Since this is a probabilistic graphical model, we can do normal graphical-model-based probabilistic inference. For example, we can look at the probability of winning or losing given a stay strategy, and the probability of winning or losing given a switch strategy.

In [10]:
inference_engine = VariableElimination(monty_hall_model)
print(inference_engine.query(['Win or Lose'], evidence={'Strategy': 'stay'}))
print(inference_engine.query(['Win or Lose'], evidence={'Strategy': 'switch'}))

  0%|          | 0/5 [00:00<?, ?it/s]

  0%|          | 0/5 [00:00<?, ?it/s]

+-------------------+--------------------+
| Win or Lose       |   phi(Win or Lose) |
| Win or Lose(win)  |             0.3333 |
+-------------------+--------------------+
| Win or Lose(lose) |             0.6667 |
+-------------------+--------------------+


  0%|          | 0/5 [00:00<?, ?it/s]

  0%|          | 0/5 [00:00<?, ?it/s]

+-------------------+--------------------+
| Win or Lose       |   phi(Win or Lose) |
| Win or Lose(win)  |             0.6667 |
+-------------------+--------------------+
| Win or Lose(lose) |             0.3333 |
+-------------------+--------------------+


We can confirm that we infer that given someone won the car, the probability is higher that they took a switch strategy.

In [11]:
print(inference_engine.query(['Strategy'], evidence={'Win or Lose': 'win'}))

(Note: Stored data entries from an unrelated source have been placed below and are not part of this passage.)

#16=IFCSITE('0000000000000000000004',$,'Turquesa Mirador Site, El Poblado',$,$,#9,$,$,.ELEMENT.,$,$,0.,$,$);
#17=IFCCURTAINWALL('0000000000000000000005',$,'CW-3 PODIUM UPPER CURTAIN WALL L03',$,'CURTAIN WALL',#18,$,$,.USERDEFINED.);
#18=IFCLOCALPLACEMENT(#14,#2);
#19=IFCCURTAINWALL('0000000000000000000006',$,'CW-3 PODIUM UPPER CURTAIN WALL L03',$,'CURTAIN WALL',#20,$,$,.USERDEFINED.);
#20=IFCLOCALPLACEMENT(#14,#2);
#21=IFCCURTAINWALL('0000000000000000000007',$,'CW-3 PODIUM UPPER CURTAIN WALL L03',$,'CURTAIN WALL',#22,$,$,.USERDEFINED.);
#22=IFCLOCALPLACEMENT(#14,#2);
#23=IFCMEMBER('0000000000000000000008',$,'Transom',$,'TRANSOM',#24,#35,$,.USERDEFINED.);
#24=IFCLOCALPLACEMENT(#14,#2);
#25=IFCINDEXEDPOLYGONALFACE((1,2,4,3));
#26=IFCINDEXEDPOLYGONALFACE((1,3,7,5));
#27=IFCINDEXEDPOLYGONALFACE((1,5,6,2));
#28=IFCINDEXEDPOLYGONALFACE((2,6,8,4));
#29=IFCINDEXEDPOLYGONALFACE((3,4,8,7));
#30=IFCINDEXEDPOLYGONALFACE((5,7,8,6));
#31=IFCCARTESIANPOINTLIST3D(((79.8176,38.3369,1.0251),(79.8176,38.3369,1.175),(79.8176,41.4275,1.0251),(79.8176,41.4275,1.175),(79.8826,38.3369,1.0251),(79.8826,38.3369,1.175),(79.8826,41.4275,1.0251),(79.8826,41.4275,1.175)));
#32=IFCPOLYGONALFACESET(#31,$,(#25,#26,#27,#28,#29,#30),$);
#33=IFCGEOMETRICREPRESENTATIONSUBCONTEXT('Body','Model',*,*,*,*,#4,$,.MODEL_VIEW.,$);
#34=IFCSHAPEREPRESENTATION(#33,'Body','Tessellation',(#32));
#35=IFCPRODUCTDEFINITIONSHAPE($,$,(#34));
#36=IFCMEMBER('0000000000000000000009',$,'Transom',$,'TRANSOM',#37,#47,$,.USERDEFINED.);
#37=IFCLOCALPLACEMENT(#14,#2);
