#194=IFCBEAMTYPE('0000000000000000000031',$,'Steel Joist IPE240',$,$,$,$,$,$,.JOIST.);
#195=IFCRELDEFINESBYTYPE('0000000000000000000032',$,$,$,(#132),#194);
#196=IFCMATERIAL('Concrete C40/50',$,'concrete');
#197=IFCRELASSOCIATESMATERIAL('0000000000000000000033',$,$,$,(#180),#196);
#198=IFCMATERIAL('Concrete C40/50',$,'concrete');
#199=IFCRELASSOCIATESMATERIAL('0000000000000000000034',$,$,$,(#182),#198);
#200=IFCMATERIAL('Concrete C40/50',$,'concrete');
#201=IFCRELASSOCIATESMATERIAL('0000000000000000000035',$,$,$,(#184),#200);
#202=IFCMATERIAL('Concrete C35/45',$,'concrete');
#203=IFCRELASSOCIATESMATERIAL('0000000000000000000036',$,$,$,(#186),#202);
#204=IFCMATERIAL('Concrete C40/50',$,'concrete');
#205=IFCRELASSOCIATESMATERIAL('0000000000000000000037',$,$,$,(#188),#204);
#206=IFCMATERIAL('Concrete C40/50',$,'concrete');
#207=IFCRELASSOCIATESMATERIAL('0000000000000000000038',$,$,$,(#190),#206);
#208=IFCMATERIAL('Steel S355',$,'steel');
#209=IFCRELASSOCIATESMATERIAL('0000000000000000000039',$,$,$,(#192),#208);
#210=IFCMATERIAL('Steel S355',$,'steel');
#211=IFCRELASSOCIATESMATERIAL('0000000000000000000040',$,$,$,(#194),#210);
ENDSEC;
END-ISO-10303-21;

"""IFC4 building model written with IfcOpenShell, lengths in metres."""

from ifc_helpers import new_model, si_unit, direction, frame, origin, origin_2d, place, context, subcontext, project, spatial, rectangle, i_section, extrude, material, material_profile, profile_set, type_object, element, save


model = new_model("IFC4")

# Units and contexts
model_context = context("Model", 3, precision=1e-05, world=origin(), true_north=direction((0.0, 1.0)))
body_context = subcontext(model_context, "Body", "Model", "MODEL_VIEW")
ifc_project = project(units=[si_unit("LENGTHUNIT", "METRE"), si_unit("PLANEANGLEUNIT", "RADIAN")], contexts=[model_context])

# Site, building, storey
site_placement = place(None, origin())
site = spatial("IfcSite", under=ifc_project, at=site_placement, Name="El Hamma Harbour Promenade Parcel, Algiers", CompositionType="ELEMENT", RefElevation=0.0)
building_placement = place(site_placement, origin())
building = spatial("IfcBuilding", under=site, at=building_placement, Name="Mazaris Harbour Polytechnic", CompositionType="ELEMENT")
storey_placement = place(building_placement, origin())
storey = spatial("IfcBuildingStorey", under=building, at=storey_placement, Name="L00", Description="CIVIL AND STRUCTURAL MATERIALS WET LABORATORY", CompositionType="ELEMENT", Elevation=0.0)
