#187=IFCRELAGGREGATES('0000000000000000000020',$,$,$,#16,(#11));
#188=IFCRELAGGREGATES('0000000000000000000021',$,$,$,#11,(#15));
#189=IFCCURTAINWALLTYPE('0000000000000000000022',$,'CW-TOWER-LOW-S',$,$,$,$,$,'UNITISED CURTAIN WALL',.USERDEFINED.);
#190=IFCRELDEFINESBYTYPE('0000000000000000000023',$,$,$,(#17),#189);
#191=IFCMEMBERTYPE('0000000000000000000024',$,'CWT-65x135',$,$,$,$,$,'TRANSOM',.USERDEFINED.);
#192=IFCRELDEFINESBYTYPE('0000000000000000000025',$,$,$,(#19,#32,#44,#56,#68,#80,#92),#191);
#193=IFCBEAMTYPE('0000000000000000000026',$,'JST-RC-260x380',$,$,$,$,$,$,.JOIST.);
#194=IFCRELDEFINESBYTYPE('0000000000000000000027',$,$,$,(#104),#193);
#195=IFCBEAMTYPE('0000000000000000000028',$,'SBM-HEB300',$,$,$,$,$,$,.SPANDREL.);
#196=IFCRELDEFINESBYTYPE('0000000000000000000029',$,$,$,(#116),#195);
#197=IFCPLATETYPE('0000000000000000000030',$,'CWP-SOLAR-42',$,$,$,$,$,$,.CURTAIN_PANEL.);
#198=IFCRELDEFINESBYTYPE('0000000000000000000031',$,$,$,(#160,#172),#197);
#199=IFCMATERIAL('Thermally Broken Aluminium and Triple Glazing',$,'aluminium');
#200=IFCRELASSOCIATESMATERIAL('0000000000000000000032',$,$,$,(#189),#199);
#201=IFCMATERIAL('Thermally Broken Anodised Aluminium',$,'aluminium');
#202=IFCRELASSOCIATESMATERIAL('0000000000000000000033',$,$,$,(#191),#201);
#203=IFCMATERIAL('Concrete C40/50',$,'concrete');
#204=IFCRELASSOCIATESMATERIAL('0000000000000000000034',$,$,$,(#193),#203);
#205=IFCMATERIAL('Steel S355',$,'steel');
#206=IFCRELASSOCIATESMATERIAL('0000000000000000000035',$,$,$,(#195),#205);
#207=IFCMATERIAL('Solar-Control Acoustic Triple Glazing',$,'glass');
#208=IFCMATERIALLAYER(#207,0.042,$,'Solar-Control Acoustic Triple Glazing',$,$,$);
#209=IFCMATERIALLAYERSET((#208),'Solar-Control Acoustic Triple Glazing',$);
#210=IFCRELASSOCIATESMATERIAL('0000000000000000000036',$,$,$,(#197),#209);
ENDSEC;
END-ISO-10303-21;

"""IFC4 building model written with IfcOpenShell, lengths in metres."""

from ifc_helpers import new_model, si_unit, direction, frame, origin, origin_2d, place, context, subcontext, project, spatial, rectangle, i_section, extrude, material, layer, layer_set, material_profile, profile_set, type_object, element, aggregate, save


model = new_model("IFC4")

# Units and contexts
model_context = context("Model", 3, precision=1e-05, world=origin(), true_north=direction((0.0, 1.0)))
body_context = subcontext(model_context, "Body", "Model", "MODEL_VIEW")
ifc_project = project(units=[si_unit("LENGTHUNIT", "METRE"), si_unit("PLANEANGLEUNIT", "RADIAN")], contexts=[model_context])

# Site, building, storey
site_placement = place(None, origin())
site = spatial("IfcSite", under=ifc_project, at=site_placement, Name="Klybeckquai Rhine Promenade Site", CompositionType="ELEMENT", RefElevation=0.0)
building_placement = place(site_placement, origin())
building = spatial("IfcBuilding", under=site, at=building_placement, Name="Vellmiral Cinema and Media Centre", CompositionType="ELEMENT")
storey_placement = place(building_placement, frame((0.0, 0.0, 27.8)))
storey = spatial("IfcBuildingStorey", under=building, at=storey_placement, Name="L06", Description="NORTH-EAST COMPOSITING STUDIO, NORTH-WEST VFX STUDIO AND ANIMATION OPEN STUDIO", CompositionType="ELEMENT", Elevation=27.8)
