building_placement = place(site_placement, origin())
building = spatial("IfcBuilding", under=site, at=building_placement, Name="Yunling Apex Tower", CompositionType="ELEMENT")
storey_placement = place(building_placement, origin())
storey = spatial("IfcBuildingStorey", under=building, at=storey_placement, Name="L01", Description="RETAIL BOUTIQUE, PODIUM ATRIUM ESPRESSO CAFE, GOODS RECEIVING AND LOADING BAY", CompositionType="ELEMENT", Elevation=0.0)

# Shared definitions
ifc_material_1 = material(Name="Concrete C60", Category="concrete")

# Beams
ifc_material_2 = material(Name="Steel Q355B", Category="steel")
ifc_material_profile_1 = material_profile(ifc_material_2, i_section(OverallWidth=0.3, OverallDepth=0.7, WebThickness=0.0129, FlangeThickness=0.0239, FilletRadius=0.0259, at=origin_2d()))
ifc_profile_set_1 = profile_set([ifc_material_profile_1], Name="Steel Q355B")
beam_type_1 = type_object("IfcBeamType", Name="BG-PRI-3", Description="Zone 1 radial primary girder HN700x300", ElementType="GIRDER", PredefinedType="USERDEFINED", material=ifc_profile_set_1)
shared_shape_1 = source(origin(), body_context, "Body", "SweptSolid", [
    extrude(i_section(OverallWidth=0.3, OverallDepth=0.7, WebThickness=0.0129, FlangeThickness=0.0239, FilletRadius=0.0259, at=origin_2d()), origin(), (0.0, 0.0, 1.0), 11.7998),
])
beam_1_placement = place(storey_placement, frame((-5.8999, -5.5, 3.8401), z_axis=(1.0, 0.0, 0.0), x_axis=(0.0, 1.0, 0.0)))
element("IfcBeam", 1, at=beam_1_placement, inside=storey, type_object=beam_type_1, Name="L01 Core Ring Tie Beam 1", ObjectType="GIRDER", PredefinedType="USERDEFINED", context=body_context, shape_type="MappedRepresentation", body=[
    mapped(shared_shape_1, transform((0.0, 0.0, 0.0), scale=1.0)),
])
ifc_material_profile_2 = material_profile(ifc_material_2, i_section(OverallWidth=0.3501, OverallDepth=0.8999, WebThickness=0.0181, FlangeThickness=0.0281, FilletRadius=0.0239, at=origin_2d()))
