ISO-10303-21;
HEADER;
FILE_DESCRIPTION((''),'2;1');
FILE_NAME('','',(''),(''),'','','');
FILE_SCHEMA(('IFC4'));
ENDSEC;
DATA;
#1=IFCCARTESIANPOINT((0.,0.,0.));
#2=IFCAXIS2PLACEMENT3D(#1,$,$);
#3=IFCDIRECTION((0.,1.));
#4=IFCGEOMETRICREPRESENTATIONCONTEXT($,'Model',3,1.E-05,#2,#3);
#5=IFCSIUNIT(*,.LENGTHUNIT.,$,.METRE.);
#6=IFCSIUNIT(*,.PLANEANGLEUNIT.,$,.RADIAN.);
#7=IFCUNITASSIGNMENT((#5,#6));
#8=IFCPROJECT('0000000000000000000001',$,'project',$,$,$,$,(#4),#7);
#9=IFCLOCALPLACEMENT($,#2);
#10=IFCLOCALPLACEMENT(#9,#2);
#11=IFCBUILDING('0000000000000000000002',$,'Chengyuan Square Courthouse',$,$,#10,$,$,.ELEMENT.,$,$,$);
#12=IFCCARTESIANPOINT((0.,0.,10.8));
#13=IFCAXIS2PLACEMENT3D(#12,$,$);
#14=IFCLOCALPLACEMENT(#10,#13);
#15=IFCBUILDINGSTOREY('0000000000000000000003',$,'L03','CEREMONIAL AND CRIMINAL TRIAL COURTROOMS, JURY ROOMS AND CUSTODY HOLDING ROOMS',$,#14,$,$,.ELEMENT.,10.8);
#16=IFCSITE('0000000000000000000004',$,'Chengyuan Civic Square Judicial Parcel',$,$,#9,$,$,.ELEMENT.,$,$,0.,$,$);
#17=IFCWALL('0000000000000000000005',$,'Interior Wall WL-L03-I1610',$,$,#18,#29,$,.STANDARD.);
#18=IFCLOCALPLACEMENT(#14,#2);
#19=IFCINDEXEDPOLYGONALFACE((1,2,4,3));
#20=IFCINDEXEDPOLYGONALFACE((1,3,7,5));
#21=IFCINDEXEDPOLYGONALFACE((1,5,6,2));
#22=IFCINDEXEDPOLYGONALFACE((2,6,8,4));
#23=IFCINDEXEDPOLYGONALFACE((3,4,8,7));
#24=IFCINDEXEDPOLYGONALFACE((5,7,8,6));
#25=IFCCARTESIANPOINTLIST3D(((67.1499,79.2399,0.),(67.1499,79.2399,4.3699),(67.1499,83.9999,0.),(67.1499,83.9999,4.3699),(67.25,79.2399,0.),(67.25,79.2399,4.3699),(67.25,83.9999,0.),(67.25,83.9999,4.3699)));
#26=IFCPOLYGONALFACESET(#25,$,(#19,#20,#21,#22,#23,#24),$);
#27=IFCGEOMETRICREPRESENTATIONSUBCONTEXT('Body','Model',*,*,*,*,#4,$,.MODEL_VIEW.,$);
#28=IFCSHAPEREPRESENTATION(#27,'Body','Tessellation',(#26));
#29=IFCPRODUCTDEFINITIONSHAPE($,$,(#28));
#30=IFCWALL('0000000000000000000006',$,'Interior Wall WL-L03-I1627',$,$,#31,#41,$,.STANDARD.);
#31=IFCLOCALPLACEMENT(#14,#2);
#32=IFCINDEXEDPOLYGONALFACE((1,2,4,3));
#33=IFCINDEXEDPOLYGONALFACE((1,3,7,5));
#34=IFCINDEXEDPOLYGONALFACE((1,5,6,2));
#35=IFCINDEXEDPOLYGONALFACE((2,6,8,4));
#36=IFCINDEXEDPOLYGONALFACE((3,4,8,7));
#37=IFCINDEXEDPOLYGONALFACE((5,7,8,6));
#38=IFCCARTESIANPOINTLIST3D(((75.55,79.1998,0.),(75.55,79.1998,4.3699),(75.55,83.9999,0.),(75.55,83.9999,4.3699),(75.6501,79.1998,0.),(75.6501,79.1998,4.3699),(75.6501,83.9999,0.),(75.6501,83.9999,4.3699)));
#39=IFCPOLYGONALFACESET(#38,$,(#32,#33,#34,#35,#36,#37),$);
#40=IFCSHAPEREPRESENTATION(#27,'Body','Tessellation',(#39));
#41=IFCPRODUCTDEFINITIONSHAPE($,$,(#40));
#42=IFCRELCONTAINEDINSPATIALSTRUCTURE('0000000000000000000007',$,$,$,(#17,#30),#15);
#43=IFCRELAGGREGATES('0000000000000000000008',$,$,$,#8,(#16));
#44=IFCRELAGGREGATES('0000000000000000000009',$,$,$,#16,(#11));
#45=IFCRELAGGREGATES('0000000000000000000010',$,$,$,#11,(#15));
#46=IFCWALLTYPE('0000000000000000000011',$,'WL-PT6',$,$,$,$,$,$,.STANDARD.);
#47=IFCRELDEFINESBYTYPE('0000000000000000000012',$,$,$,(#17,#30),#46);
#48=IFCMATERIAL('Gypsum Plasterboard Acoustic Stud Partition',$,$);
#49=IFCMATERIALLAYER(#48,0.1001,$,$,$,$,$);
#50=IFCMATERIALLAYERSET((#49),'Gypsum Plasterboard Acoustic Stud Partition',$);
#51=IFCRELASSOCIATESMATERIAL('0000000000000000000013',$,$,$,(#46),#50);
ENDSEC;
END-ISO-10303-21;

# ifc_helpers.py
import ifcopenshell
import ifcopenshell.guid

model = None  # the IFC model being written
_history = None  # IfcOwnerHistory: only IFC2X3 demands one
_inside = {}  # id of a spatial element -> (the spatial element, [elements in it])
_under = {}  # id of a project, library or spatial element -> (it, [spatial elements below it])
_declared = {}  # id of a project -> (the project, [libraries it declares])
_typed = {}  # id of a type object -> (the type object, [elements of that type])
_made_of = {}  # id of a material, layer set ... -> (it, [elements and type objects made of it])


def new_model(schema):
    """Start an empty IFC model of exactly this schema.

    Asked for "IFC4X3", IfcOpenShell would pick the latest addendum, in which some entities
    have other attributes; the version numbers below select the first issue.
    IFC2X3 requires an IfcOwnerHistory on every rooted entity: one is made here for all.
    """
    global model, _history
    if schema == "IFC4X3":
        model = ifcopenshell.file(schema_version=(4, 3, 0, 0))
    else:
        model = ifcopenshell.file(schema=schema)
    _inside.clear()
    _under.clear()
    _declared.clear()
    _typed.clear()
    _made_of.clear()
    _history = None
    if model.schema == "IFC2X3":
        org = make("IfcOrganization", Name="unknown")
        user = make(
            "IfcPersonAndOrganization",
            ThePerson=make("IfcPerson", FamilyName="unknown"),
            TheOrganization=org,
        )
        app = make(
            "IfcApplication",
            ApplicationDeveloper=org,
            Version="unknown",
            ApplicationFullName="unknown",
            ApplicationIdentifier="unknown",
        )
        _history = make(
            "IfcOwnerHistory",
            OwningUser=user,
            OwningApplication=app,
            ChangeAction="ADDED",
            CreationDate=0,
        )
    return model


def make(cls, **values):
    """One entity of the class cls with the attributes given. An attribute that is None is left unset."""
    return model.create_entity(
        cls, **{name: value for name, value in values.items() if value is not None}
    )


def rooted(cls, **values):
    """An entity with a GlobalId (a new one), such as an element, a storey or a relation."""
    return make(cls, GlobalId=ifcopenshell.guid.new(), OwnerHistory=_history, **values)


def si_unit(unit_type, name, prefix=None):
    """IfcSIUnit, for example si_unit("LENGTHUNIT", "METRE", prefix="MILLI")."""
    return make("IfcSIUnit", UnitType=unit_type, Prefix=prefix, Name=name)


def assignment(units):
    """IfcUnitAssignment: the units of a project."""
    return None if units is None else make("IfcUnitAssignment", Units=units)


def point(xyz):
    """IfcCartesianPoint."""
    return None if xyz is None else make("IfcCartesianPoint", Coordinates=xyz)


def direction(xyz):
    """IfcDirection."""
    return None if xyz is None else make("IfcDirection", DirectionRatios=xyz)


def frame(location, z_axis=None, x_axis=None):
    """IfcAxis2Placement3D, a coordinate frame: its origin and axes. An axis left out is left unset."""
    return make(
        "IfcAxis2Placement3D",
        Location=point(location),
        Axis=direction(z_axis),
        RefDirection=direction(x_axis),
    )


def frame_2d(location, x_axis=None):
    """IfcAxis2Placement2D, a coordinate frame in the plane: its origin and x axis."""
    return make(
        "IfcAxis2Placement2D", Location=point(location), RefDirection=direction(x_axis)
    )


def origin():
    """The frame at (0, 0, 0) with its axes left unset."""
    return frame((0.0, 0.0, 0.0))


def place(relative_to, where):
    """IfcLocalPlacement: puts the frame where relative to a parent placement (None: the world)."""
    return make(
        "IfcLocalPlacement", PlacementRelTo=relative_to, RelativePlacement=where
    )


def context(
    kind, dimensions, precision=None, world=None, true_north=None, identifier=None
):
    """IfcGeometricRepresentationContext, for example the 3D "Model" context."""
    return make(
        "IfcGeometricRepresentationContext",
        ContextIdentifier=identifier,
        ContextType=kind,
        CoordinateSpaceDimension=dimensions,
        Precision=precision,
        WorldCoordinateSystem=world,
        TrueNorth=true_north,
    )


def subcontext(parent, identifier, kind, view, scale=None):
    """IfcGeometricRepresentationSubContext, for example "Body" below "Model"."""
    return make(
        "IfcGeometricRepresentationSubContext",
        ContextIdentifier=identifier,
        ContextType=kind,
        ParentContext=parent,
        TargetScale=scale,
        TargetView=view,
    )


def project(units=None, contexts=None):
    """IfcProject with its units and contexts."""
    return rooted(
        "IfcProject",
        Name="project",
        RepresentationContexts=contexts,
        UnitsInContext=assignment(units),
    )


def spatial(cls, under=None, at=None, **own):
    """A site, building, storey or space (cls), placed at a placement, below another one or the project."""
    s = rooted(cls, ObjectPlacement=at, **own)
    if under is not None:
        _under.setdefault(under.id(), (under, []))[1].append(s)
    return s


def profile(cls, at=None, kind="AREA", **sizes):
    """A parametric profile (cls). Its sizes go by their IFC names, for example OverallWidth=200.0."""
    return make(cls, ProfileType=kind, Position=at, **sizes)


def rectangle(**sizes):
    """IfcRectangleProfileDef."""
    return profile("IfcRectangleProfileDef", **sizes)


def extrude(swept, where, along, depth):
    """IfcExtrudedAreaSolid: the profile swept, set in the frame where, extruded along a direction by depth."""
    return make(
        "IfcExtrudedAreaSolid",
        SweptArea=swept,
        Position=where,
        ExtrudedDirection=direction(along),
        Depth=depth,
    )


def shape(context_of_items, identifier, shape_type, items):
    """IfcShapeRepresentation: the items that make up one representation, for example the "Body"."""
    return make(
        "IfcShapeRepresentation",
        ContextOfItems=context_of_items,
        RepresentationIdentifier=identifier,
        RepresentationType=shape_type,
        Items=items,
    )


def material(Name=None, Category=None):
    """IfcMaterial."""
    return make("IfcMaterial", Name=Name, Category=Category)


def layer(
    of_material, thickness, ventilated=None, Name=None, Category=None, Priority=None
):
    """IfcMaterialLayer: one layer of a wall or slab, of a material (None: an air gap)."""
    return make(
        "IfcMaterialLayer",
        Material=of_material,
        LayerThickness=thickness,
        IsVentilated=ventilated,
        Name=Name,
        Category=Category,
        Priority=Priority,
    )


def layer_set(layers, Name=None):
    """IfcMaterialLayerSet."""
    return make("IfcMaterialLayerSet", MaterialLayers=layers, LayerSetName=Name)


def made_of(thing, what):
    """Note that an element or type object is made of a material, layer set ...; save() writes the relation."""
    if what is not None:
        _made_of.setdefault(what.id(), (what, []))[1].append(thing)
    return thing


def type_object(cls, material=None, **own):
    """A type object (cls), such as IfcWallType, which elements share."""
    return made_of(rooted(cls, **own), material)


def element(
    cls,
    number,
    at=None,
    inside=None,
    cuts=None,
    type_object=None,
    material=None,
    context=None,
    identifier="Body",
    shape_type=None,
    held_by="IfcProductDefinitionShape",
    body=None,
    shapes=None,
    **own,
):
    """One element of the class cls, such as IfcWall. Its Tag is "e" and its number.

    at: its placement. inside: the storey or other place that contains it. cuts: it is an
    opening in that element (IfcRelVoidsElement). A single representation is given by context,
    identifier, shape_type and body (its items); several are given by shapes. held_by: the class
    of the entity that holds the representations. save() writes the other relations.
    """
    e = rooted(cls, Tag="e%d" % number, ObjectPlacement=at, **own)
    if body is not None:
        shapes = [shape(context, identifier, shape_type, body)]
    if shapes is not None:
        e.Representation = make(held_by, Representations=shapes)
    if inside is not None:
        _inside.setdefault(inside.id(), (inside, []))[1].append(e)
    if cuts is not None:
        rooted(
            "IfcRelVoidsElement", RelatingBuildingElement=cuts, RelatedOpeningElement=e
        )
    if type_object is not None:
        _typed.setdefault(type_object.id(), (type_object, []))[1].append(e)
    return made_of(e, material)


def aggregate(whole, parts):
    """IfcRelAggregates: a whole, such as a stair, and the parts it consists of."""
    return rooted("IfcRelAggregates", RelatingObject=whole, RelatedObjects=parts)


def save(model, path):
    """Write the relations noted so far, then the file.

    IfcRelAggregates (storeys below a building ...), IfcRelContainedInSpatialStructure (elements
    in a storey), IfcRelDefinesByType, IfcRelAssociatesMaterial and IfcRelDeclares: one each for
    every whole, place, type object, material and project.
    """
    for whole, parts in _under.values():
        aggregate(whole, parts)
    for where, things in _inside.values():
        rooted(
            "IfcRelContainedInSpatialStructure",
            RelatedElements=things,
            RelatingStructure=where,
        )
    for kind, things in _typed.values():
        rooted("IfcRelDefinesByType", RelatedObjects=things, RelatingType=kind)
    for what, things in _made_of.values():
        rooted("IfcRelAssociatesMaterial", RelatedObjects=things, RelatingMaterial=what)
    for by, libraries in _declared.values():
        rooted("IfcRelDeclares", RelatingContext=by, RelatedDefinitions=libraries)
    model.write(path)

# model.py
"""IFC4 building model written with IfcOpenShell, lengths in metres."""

from ifc_helpers import new_model, si_unit, direction, frame, frame_2d, origin, place, context, subcontext, project, spatial, rectangle, extrude, material, layer, layer_set, type_object, element, save


model = new_model("IFC4")

# Units and contexts
model_context = context("Model", 3, precision=1e-05, world=origin(), true_north=direction((0.0, 1.0)))
body_context = subcontext(model_context, "Body", "Model", "MODEL_VIEW")
ifc_project = project(units=[si_unit("LENGTHUNIT", "METRE"), si_unit("PLANEANGLEUNIT", "RADIAN")], contexts=[model_context])

# Site, building, storey
site_placement = place(None, origin())
site = spatial("IfcSite", under=ifc_project, at=site_placement, Name="Chengyuan Civic Square Judicial Parcel", CompositionType="ELEMENT", RefElevation=0.0)
building_placement = place(site_placement, origin())
building = spatial("IfcBuilding", under=site, at=building_placement, Name="Chengyuan Square Courthouse", CompositionType="ELEMENT")
storey_placement = place(building_placement, frame((0.0, 0.0, 10.8)))
storey = spatial("IfcBuildingStorey", under=building, at=storey_placement, Name="L03", Description="CEREMONIAL AND CRIMINAL TRIAL COURTROOMS, JURY ROOMS AND CUSTODY HOLDING ROOMS", CompositionType="ELEMENT", Elevation=10.8)

# Walls
ifc_material_1 = material(Name="Gypsum Plasterboard Acoustic Stud Partition")
ifc_layer_1 = layer(ifc_material_1, 0.1001)
ifc_layer_set_1 = layer_set([ifc_layer_1], Name="Gypsum Plasterboard Acoustic Stud Partition")
wall_type = type_object("IfcWallType", Name="WL-PT6", PredefinedType="STANDARD", material=ifc_layer_set_1)
wall_1_placement = place(storey_placement, frame((67.2, 79.24, 0.0), z_axis=(0.0, 0.0, 1.0), x_axis=(0.0, 1.0, 0.0)))
element("IfcWall", 1, at=wall_1_placement, inside=storey, type_object=wall_type, Name="Interior Wall WL-L03-I1610", PredefinedType="STANDARD", context=body_context, shape_type="SweptSolid", body=[
    extrude(rectangle(XDim=4.76, YDim=0.1001, at=frame_2d((2.3799, 0.0))), origin(), (0.0, 0.0, 1.0), 4.3699),
])
wall_2_placement = place(storey_placement, frame((75.6001, 79.2, 0.0), z_axis=(0.0, 0.0, 1.0), x_axis=(0.0, 1.0, 0.0)))
element("IfcWall", 2, at=wall_2_placement, inside=storey, type_object=wall_type, Name="Interior Wall WL-L03-I1627", PredefinedType="STANDARD", context=body_context, shape_type="SweptSolid", body=[
    extrude(rectangle(XDim=4.8, YDim=0.1001, at=frame_2d((2.3999, 0.0))), origin(), (0.0, 0.0, 1.0), 4.3699),
])

save(model, "model.ifc")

  0%|          | 0/5 [00:00<?, ?it/s]

  0%|          | 0/5 [00:00<?, ?it/s]

+------------------+-----------------+
| Strategy         |   phi(Strategy) |
| Strategy(stay)   |          0.3333 |
+------------------+-----------------+
| Strategy(switch) |          0.6667 |
+------------------+-----------------+


In chapter 9, we'll use this SCM model to do more advanced inferences.